There are no tracking issues. The issues are complains about the project: bugs and features requests. The number is too high. It makes the project look bad. There should be more effort in closing/rejecting issues.

Currently, it’s 2:1 in favour of closed issues for the last week/month. This suggests at least some degree of issue reduction (net minus of almost 400 open bugs over the last 31 days).

I think auto-closing issues is problematic (and often seen as hostile to reporters), but on the other end of the spectrum, the amount of care in closing issues suggested in Triaging old Clang bugs is perhaps a tad excessive even though it is laudable (e.g. if a bug doesn’t reproduce on main, I think it’d be valid to close, as a pragmatic trade-off that takes old issues seriously but leans towards cleaning up the tracker).

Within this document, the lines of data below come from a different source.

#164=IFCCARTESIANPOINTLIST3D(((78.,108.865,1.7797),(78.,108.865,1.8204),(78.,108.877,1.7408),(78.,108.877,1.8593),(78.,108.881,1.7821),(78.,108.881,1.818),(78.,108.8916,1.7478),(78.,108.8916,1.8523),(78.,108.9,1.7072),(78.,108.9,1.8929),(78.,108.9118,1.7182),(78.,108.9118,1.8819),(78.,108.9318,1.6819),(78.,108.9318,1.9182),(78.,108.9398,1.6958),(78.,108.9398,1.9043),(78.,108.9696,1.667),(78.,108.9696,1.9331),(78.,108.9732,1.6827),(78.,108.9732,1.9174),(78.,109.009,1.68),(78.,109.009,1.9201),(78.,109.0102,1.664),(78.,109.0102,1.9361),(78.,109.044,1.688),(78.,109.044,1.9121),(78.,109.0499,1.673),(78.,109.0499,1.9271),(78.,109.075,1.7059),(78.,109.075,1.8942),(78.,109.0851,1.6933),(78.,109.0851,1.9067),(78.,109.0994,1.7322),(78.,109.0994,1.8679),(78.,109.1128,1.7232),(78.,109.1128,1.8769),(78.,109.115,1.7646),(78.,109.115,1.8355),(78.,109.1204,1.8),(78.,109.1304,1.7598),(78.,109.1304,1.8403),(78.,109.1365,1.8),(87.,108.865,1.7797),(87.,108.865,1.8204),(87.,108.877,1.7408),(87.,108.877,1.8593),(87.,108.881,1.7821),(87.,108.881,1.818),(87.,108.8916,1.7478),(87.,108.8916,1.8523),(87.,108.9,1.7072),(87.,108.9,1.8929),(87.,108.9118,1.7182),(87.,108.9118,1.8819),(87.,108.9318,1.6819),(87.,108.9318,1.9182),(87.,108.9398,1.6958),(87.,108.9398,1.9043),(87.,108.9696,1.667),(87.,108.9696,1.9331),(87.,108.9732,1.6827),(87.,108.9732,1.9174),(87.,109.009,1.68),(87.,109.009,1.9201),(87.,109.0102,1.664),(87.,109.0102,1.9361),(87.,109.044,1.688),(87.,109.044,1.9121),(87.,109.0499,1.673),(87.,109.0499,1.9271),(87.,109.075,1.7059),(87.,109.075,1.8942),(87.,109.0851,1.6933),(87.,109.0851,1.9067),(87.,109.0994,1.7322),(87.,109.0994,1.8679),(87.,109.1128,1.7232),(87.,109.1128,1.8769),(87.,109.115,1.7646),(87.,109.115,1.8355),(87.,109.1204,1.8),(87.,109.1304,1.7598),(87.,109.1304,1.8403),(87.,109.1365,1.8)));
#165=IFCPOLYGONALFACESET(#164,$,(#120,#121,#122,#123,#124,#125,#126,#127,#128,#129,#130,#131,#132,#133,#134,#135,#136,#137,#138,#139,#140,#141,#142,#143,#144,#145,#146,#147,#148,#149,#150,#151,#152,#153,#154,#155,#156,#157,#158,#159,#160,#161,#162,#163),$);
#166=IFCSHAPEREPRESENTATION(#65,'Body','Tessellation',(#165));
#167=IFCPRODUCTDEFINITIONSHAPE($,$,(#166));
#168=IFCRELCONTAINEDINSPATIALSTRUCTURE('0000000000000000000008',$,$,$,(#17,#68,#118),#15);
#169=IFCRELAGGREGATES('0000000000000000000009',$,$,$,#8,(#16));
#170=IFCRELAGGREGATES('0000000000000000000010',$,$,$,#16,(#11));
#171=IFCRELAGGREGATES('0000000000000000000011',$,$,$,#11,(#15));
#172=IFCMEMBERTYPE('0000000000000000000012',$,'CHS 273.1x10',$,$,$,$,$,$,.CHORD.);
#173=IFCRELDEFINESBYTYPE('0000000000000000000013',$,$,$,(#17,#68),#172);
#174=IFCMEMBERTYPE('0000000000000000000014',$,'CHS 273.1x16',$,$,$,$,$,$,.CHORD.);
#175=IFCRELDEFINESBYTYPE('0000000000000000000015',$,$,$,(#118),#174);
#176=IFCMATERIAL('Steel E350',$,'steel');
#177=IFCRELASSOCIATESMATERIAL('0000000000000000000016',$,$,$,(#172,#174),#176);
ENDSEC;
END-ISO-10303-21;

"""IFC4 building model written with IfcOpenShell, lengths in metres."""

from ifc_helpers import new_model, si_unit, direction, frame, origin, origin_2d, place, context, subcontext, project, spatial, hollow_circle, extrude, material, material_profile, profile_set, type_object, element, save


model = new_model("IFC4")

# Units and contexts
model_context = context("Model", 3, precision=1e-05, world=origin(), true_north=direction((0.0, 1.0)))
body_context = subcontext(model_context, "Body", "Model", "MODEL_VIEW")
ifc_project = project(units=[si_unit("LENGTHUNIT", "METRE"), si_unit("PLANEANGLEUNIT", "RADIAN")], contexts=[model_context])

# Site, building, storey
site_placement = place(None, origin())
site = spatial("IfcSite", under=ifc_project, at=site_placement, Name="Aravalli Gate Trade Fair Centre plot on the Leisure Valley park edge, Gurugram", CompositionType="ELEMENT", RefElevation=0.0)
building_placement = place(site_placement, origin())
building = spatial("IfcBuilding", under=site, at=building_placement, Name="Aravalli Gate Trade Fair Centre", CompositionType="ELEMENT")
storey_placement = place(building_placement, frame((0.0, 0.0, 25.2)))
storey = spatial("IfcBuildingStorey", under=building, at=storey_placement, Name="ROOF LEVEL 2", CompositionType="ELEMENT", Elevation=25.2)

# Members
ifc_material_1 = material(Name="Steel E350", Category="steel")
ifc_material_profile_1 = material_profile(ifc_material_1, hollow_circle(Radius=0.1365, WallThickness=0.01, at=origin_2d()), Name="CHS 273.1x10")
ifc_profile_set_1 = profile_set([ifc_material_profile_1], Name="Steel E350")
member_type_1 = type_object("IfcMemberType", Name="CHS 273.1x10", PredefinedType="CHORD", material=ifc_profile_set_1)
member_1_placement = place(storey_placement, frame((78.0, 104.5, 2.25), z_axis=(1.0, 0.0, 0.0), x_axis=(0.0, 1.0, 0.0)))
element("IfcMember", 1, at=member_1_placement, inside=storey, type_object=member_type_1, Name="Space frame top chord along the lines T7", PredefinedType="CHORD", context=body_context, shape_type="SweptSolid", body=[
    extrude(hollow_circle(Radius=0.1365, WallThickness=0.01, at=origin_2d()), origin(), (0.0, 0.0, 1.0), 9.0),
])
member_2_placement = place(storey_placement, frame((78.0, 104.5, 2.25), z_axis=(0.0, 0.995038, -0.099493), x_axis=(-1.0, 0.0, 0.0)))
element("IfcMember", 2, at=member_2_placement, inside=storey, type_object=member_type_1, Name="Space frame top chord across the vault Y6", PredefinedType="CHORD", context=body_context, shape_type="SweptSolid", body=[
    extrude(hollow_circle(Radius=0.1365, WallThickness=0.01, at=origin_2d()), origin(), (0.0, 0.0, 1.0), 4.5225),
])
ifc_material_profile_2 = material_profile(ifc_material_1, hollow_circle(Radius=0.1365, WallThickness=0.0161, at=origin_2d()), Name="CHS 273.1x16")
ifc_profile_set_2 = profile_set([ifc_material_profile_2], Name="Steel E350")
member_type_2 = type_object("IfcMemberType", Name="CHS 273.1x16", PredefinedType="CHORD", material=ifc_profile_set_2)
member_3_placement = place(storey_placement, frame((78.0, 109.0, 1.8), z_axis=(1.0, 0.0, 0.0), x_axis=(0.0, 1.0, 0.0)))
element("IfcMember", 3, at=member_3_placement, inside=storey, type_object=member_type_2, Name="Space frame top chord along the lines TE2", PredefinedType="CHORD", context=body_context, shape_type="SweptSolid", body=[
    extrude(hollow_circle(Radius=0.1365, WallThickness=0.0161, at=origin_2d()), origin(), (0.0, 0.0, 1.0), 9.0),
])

The larger issue is IMO that most people are paid (or at least more interested) to work on features, and cleaning up the backlog is a hard sell for that, even though it’s really necessary long-term. The backlog would look quite different if people spent 5-10% of their weekly LLVM time on the bug tracker (and other tech debt).

Agree. For instance, a crash report with reproducer attached should be enough for us to treat the report seriously, even an old one.

I’d agree with you two months ago, but my instance of Compiler Explorer with assertion builds of Clang showcased how the right tooling can improve quality and speed of triaging (in this case for crash reports).

In my experience, the time-consuming part of triaging is test case reduction (even with C-Reduce), which is needed sometimes. Labeling issues correctly or pulling couple of tricks in Compiler Explorer in order to reproduce pales in comparison with that.

I consider labeling important, because our big issue database can become a good set of regression tests. We’ve already ran into a situation of a decade-old crash resurfacing recently because of lack of such regression testing (GH17283).

I agree with that, but I’d like to point out that pool of bugs that can be triaged without decent background knowledge is limited. Crashes are nice in this regard, which is the reason I work through them, but I estimate those as couple of thousands, and we worked through hundreds of them already.

At some not-so-distant point we’ll be facing a choice between taking bugs less seriously or eating up already scarce reviewer time to continue taking them seriously.